A review by thebookthiefgirl
A Viagem do Elefante by José Saramago

4.0

“Sempre chegamos ao sítio onde nos esperam” é talvez das citações que não me sai da cabeça, que se tornou ainda mais vívida depois de visitar a Fundação Saramago em Lisboa e de ver o documentário “Pilar e José”, no ano passado. Nas palavras do próprio autor, “Foi preciso que os ignotos fados se conjugassem na cidade de Mozart para que eu pudesse ter perguntado “Que figuras são aquelas?”. E assim Saramago conhece a história de um elefante que, no século XVI, foi oferecido ao arquiduque Maxmiliano da Áustria pelo monarca português D. João III.

Claro que essa história me diz tudo. Não apenas por ter vivido uma temporada em Viena e a viagem do elefante Salomão, mais tarde Solimão, com o seu inseparável conarca Subhro, me ter levado a percorrer os caminhos de Portugal, Espanha, até a terras italianas, percorrer Tyrol, Innsbruck, as montanhas alpinas cobertas daquela farinha tão branca que o autor descreve, o rio Donau e a doce Viena, onde o elefante salva uma criança e recebe um fatal destino.

✨“(…) não é possível descrever uma paisagem com palavras. Ou melhor, ser possível, é, mas não vale a pena. Pergunto se vale a pena escrever a palavra montanha se não sabemos que nome se daria a montanha em si mesma.”✨

Receber esta edição comemorativa do centenário de Saramago e voltar a Áustria foi indescritível para mim.❤ Há livros que dizem mais a umas pessoas do que outras. Não só pelas circunstâncias em que recebemos os livros, mas também como vivemos as leituras, como nos identificamos com elas.
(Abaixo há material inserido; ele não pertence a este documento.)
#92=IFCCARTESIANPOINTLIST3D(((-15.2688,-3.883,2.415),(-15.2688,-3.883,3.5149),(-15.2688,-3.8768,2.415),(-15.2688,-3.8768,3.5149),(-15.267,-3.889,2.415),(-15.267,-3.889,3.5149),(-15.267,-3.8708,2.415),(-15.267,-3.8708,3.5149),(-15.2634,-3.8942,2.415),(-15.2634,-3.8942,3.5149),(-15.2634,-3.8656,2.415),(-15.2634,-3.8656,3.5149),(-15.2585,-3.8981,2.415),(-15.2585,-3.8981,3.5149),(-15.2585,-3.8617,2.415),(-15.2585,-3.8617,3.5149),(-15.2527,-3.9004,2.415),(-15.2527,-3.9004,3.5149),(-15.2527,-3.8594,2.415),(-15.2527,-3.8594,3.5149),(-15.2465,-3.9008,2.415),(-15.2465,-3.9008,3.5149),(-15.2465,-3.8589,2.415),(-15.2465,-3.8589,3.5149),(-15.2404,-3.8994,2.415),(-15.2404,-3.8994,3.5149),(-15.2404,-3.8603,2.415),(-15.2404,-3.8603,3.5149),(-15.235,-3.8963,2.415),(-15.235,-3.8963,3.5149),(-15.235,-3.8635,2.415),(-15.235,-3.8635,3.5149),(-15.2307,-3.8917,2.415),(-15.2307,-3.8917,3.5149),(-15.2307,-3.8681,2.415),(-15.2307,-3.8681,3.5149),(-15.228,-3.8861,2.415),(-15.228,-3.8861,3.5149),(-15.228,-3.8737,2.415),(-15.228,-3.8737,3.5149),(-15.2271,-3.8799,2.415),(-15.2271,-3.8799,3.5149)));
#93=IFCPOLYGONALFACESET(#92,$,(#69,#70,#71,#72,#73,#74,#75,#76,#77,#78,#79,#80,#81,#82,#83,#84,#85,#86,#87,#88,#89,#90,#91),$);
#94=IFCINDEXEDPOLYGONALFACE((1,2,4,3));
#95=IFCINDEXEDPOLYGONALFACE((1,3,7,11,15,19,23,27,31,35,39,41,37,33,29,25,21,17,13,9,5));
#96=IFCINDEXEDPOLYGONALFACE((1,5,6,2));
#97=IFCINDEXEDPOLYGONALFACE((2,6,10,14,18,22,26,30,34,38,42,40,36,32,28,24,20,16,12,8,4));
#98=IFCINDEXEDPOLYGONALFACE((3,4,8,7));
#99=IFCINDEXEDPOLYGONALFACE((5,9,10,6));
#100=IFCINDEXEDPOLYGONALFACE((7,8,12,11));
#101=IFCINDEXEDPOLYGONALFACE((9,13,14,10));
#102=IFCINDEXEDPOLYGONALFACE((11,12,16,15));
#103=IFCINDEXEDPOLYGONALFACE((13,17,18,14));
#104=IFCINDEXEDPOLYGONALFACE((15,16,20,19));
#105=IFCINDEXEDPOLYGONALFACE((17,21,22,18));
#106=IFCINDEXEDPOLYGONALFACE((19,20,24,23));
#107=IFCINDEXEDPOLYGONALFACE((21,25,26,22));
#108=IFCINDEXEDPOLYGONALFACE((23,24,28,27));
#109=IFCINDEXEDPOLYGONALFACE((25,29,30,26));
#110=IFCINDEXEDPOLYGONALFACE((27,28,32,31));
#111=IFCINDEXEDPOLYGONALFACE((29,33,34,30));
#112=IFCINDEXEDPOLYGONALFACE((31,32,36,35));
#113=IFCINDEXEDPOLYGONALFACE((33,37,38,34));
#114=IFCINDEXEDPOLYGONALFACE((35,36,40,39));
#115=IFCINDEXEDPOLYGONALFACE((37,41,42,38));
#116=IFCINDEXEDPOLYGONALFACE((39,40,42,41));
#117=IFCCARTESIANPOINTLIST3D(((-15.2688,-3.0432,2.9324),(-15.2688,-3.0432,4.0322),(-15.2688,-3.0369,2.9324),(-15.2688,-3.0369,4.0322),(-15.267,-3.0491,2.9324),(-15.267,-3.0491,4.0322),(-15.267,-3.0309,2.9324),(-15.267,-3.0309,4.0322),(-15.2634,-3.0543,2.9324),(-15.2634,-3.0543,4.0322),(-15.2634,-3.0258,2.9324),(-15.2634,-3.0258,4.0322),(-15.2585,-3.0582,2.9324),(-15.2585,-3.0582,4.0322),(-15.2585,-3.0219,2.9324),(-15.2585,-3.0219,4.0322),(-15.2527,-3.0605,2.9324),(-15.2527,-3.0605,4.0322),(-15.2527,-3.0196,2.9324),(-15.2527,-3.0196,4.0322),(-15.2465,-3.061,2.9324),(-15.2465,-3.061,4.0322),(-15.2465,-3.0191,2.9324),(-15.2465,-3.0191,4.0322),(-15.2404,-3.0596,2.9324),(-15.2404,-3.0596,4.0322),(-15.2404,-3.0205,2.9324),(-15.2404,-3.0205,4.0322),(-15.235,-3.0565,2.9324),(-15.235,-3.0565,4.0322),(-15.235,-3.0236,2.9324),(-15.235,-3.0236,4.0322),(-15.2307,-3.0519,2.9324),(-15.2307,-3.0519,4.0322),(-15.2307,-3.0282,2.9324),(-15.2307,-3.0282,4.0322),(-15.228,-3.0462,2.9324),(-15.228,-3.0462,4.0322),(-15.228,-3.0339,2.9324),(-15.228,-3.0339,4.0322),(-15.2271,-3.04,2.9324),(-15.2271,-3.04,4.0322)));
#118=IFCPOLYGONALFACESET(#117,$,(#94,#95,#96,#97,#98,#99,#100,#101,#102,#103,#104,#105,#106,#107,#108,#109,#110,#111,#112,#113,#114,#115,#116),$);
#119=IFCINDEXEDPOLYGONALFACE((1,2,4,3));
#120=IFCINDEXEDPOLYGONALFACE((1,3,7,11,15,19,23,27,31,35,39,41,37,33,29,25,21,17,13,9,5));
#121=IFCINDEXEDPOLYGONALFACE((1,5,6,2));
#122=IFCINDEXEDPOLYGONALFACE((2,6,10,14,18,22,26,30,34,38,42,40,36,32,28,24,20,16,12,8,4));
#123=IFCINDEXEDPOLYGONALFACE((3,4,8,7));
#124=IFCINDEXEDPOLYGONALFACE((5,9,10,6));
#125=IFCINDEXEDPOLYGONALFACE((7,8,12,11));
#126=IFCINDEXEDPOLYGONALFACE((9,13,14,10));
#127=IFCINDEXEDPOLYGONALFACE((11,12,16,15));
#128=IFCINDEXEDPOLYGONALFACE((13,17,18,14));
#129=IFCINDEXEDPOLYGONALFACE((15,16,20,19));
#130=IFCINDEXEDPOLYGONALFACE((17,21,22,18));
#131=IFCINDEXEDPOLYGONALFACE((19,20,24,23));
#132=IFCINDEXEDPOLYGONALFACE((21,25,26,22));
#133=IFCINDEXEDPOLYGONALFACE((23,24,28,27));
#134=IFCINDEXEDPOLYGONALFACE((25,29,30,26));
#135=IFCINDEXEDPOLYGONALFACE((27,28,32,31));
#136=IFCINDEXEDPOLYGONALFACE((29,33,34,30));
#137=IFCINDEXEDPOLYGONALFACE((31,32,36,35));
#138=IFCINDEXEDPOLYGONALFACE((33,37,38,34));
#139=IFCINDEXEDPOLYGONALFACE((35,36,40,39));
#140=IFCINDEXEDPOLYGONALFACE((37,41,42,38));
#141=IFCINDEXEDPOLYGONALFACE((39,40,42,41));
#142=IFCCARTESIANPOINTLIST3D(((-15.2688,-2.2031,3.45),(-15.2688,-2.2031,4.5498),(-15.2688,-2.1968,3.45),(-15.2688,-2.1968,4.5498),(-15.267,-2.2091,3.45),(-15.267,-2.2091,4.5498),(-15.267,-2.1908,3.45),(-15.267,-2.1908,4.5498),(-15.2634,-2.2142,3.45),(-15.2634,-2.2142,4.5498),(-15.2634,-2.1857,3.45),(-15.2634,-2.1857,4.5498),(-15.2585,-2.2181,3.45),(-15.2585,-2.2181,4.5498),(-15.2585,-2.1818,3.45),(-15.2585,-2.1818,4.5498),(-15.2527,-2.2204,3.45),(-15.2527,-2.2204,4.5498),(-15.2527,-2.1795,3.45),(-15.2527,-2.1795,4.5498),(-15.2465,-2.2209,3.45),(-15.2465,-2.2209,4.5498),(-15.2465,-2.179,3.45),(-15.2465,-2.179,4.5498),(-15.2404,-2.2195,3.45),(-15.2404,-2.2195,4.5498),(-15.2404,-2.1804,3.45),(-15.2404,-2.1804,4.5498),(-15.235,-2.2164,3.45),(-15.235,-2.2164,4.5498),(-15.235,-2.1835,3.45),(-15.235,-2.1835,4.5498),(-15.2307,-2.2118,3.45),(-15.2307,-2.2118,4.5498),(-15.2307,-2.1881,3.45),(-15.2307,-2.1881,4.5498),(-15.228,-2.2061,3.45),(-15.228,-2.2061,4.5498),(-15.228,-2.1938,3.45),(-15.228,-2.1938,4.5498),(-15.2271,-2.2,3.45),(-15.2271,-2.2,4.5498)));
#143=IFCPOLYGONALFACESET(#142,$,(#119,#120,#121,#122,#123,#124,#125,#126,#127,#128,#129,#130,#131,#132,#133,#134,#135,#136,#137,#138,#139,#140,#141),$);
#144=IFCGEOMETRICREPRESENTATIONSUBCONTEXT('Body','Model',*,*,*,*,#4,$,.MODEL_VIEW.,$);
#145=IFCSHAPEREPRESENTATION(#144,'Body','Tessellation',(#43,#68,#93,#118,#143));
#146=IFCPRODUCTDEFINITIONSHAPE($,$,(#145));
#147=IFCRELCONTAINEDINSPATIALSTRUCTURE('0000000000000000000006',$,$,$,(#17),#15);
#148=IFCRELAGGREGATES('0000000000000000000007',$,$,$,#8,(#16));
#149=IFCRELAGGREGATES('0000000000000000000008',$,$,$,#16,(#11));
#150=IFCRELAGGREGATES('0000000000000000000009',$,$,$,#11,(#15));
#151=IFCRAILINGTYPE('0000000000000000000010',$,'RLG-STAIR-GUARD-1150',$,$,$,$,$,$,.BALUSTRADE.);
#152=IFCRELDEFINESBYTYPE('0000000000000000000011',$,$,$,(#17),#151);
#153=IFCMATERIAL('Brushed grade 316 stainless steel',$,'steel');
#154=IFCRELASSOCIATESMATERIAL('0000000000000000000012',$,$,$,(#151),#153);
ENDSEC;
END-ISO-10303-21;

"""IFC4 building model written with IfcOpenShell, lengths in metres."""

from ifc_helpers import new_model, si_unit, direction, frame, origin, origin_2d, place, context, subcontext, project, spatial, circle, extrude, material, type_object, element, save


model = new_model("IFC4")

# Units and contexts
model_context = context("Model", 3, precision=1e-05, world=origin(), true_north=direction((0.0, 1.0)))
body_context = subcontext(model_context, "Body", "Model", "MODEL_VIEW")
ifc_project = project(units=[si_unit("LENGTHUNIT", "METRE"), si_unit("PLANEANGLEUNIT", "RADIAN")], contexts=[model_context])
A genialidade da obra não está na viagem do elefante em si, que poderá parecer vazia e aborrecida, mas na viagem da humanidade, desde o momento em que nascemos até à nossa morte. Como o destino está construído a partir de pequenos acasos e como o mundo não é igual para todos.

✨“(…) o não querer e o não saber se confundem numa grande interrogação sobre o mundo em que o puseram a viver, aliás, penso que nessa interrogação nos encontramos todos, nós e os elefantes.”✨

Sendo marca caraterística do autor, há a crítica à hierarquia, às aparências e ao contexto político da época e , indiretamente, qualquer época histórica. À pequenez de terras como Algarve e Vipiteno que passam despercebidas perante os "grandes". Como sempre, Saramago promete-nos passagens cómicas a partir de coisas tão sérias que chegamos à conclusão que afinal não têm assim tanta piada, por serem tão verdade.

✨“(…) em um elefante há dois elefantes, um que aprende o que se lhe ensina e outro que persistirá em ignorar tudo, Como sabes disso tudo, Descobri que sou tal e qual o elefante, uma parte de mim aprende, a outra ignora o que a outra parte aprendeu, e tanto mais vai ignorando quanto mais tempo vai vivendo, (…)”✨

Deixa-me ligeiramente triste que este livro tenha sido escrito na altura em que o governo de Cavaco Silva repudiou Saramago e este estivesse em Lanzarote quando , de forma interrupta devido à doença, escreveu este livro. Como o único Prémio Nobel da Literatura que tivemos só fosse muito mais apreciado depois da sua morte.